Only a few cells out of hundreds sampled through brushing may demonstrate aneuploidy, however, so combining brushing with massively parallel sequencing is key to finding these cells. The researchers used a technique called RealSeqS to look across more than 350,000 regions of the genome to identify specific chromosome arm alterations. RealSeqS can typically detect aneuploidy at the level of about 1 in 200 cells, which is necessary when large portions of the esophageal brushing are derived from normal cells, said study lead author Christopher Douville, PhD, the Kimmel Center researcher who designed RealSeqS.

“The method is quick and can process hundreds of samples cost effectively, making it an ideal choice for Barrett’s esophagus research,” said Dr. Douville.

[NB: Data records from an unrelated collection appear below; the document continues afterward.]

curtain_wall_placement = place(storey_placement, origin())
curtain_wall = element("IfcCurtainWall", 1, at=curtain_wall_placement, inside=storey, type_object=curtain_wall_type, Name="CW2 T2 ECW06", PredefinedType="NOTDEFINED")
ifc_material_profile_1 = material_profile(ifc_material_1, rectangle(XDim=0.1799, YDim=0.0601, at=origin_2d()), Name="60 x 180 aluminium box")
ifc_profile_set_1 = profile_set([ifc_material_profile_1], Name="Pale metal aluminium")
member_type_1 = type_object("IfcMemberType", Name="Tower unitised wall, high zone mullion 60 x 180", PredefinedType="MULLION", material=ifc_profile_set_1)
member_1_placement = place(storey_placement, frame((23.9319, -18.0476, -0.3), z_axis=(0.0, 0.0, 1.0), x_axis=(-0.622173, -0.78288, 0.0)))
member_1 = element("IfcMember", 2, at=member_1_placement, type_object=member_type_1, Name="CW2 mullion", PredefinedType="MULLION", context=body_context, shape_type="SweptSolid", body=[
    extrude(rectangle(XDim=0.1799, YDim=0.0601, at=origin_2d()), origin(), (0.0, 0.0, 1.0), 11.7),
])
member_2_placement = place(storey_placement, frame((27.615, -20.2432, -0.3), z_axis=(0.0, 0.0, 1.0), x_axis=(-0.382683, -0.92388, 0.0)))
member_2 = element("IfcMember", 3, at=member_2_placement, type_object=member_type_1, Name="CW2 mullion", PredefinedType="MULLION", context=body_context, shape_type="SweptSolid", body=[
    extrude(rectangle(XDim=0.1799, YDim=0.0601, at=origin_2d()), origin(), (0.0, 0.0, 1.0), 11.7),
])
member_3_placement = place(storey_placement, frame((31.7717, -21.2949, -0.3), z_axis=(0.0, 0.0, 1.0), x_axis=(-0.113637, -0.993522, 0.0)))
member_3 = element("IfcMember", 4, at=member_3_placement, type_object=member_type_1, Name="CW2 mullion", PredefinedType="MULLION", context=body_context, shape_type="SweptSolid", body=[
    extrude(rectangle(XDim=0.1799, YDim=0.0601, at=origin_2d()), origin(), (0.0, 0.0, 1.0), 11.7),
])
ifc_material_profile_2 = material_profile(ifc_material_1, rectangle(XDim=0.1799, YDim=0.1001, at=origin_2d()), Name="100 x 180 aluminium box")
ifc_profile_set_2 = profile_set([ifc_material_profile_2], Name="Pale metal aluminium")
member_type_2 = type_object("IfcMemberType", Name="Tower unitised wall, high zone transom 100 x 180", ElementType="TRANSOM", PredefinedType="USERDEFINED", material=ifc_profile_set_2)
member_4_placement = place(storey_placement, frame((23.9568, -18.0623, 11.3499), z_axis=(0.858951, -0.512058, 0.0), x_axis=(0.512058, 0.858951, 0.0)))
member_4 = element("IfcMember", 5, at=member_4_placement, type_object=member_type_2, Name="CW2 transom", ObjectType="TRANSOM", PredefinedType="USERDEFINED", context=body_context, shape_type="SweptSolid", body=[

The researchers obtained esophageal brushings from patients without Barrett’s esophagus; with Barrett’s esophagus and no abnormal cells; with Barrett’s esophagus and either low-grade or high-grade cell abnormalities; and patients with esophageal adenocarcinoma. They trained their identification system to distinguish brushings from patients with Barrett’s esophagus without cell abnormalities from those with adenocarcinoma using samples from 79 patients. The research team then looked at samples from 268 patients to test whether the method could distinguish different stages of Barrett’s esophagus progression.

Study Findings

The team identified a threshold of aneuploidy that distinguished patients with high-grade cell abnormalities and adenocarcinoma from patients with Barrett’s esophagus and no cell abnormalities. At this threshold, the method identified 232 high-risk patients, or 86.7% of cases.

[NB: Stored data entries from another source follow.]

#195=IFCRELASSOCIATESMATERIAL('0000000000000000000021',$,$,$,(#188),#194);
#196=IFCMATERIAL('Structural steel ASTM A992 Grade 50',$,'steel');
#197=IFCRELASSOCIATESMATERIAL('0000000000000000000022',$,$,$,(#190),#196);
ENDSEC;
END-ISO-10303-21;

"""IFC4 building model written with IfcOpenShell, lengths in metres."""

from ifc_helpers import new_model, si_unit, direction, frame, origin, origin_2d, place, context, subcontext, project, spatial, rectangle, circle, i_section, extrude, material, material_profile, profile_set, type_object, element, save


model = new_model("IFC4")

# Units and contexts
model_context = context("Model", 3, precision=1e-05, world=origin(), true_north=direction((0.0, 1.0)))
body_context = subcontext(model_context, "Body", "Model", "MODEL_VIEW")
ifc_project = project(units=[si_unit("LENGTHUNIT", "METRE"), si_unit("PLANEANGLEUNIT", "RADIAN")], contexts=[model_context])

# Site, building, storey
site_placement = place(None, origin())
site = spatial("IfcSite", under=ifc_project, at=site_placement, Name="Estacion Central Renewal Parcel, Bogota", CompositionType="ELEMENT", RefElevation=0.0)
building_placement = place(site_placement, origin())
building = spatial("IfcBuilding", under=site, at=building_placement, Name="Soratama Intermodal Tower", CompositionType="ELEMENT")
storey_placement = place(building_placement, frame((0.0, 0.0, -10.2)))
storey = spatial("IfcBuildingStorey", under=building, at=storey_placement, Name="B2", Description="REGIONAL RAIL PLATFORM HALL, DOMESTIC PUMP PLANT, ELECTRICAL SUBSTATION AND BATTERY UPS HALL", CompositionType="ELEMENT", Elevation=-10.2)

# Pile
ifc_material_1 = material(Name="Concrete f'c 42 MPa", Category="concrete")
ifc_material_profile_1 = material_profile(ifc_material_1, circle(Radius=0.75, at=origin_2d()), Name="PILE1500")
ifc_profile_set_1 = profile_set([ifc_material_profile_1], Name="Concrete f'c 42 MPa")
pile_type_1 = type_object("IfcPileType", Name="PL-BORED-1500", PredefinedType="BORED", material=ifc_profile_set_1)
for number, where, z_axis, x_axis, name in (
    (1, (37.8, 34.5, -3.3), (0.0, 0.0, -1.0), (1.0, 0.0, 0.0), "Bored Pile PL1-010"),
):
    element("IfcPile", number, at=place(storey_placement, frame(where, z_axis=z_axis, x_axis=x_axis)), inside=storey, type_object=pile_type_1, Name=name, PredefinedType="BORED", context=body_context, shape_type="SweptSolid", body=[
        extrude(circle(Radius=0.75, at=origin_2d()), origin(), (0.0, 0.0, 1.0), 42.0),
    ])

The method also identified specific chromosomal arm changes at each stage of Barrett’s esophagus progression toward adenocarcinoma. Some of these specific changes have already been linked to disease stages by previous research, “but they were not comprehensive enough to be used in some diagnostic or prognostic way,” said Dr. Douville.

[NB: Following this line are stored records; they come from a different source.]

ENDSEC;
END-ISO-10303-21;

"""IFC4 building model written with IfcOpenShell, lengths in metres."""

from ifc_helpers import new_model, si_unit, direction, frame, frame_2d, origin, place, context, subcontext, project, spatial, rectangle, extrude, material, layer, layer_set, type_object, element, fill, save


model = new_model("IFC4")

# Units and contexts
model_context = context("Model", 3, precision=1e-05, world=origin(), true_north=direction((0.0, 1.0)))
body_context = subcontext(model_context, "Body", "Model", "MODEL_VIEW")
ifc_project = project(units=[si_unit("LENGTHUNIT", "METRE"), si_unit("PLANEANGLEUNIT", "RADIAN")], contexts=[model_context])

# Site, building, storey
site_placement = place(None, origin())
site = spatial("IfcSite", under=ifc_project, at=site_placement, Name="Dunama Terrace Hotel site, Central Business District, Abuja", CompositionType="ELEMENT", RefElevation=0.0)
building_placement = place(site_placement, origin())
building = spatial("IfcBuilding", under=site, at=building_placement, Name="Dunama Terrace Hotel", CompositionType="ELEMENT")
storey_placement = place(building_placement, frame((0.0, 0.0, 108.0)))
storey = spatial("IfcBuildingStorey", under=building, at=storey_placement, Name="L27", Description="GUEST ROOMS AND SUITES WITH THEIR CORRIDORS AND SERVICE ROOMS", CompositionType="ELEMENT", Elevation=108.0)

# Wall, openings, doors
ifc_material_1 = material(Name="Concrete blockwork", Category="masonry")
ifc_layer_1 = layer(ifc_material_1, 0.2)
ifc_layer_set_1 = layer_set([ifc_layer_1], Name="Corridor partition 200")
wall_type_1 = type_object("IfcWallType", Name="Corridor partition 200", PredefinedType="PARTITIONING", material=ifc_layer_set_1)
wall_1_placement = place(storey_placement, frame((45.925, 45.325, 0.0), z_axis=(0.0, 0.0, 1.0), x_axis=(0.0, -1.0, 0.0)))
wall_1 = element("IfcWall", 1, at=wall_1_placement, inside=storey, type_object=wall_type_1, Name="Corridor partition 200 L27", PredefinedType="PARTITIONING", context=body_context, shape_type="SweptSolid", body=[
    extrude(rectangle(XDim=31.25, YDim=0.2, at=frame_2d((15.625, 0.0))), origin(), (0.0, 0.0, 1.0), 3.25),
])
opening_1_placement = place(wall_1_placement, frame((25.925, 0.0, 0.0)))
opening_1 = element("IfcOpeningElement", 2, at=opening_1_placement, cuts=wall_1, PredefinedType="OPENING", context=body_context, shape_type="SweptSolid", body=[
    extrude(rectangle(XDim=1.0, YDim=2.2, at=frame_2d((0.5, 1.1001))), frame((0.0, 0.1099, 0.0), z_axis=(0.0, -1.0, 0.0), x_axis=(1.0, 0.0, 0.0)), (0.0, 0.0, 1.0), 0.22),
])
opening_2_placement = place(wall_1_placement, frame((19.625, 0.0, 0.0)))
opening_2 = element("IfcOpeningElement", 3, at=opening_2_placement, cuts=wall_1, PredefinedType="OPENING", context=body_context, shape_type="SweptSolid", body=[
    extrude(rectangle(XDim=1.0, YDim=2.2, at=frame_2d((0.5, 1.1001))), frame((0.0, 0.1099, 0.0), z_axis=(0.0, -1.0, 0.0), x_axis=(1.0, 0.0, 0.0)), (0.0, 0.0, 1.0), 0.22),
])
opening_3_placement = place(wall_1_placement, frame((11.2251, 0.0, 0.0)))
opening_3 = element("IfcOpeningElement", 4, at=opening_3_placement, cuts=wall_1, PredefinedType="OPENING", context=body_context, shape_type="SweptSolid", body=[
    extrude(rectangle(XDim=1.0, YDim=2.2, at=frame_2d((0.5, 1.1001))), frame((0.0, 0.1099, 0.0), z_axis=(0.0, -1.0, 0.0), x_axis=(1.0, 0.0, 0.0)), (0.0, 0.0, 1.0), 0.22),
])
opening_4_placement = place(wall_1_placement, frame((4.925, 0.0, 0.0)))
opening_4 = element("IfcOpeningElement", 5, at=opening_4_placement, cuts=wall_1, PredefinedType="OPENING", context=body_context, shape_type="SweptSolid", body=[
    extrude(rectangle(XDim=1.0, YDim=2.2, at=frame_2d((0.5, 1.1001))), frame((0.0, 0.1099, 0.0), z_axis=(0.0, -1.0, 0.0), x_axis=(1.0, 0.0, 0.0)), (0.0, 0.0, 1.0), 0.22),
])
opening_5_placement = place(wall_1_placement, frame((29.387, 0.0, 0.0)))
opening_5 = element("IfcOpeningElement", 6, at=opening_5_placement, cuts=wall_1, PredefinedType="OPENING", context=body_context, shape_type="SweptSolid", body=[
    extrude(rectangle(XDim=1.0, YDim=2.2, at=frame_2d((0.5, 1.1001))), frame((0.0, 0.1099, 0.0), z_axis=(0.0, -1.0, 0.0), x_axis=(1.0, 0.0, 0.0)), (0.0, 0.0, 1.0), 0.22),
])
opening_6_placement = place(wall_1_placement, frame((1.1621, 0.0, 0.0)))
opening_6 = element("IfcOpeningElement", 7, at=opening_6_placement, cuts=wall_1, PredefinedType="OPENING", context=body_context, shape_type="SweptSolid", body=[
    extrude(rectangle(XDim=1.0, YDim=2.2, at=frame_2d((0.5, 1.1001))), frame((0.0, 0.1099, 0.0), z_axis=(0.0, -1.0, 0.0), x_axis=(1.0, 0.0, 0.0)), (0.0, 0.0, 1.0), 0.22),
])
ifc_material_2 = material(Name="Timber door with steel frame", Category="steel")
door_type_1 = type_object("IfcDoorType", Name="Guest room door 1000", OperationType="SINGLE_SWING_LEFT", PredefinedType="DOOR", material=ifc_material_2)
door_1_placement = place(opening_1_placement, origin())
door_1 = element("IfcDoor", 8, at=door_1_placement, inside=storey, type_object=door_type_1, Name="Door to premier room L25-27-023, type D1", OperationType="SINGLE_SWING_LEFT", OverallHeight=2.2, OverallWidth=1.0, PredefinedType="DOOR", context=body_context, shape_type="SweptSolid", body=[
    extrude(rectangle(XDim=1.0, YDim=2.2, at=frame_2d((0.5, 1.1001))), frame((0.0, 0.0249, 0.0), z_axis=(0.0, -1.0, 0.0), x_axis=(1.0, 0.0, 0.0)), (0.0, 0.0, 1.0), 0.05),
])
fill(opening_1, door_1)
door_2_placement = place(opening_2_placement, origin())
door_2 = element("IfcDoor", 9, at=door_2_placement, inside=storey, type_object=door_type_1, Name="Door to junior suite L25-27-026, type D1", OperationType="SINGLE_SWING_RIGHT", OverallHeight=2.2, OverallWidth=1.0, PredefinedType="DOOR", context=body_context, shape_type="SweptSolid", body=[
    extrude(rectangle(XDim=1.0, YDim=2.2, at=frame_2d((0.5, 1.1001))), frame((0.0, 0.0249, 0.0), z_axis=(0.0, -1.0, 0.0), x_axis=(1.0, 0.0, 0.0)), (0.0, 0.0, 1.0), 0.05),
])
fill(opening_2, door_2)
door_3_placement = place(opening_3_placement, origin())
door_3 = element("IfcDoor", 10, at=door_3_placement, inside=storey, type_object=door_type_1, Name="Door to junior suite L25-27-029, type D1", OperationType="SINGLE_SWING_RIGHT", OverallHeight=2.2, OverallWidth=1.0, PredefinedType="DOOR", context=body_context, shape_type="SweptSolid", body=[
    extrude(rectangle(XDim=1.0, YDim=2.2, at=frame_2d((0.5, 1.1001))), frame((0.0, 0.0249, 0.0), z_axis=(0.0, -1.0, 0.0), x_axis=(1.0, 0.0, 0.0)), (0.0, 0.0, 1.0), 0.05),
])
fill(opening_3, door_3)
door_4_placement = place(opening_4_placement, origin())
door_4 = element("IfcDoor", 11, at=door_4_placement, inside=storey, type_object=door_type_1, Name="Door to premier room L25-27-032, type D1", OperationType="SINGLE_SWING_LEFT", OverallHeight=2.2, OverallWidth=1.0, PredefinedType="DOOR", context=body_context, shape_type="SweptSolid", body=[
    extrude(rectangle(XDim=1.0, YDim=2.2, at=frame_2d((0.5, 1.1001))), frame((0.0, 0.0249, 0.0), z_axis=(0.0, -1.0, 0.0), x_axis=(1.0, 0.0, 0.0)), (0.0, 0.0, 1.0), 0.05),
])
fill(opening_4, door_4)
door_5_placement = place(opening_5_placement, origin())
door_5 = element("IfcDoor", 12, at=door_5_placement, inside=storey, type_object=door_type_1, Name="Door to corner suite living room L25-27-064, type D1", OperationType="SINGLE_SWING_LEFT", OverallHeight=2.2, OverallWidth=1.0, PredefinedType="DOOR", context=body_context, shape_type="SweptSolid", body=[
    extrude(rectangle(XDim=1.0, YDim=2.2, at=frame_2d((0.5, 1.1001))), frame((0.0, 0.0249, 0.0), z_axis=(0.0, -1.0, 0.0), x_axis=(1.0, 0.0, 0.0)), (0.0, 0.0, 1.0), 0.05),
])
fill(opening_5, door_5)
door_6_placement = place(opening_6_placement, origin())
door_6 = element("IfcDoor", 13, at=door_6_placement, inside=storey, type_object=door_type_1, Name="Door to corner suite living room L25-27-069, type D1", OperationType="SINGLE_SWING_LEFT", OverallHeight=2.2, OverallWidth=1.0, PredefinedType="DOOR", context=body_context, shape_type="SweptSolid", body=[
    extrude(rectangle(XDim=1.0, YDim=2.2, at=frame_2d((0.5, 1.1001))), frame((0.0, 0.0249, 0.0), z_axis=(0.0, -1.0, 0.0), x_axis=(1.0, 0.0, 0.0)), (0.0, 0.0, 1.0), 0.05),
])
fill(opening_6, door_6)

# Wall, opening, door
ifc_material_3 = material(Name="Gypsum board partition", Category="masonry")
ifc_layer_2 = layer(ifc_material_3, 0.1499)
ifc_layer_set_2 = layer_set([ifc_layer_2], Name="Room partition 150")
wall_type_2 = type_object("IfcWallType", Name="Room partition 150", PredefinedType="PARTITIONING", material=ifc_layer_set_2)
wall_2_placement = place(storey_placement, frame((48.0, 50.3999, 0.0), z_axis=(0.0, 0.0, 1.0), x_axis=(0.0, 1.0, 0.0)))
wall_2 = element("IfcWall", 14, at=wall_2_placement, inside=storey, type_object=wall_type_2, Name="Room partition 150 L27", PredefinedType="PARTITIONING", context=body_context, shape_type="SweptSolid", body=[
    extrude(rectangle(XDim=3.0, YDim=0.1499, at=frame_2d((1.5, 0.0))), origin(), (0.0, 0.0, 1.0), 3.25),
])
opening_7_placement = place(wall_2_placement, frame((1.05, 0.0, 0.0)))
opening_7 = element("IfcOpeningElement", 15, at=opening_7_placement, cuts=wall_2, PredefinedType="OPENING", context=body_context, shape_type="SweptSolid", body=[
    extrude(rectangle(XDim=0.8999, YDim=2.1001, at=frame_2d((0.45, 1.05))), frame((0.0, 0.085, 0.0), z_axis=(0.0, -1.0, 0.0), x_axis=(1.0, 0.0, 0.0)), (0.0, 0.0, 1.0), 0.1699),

The researchers used these changes to develop an assessment tool they called BAD (Barrett’s Aneuploidy Decision) for distinguishing stages of Barrett’s esophagus progression. The tool could be especially useful for identifying high-risk individuals when cell biopsies look benign, because the BAD tool points out molecular changes that are linked to more aggressive disease, said Dr. Bettegowda.

“Aneuploidy is as universal a biomarker as we can find at the moment for cancer, so we are excited to see how we can employ this technology for a multitude of cancers,” he concluded. “We are optimistic that given the versatility of the RealSeqS assay, we could study other disease processes, other cancer types, and potentially find other ways to intervene earlier.”

Disclosure: The work was supported by the National Institutes of Health; the Burroughs Wellcome Career Award for Medical Scientists; Earlier Detection of Cancers Using Non-Plasma Liquid Biopsies; The Virginia and D.K. Ludwig Fund for Cancer Research; The Sol Goldman Sequencing Facility at Johns Hopkins; and The Conrad R. Hilton Foundation. For full disclosures of the study authors, visit gastrojournal.org.

The content in this post has not been reviewed by the American Society of Clinical Oncology, Inc. (ASCO®) and does not necessarily reflect the ideas and opinions of ASCO®.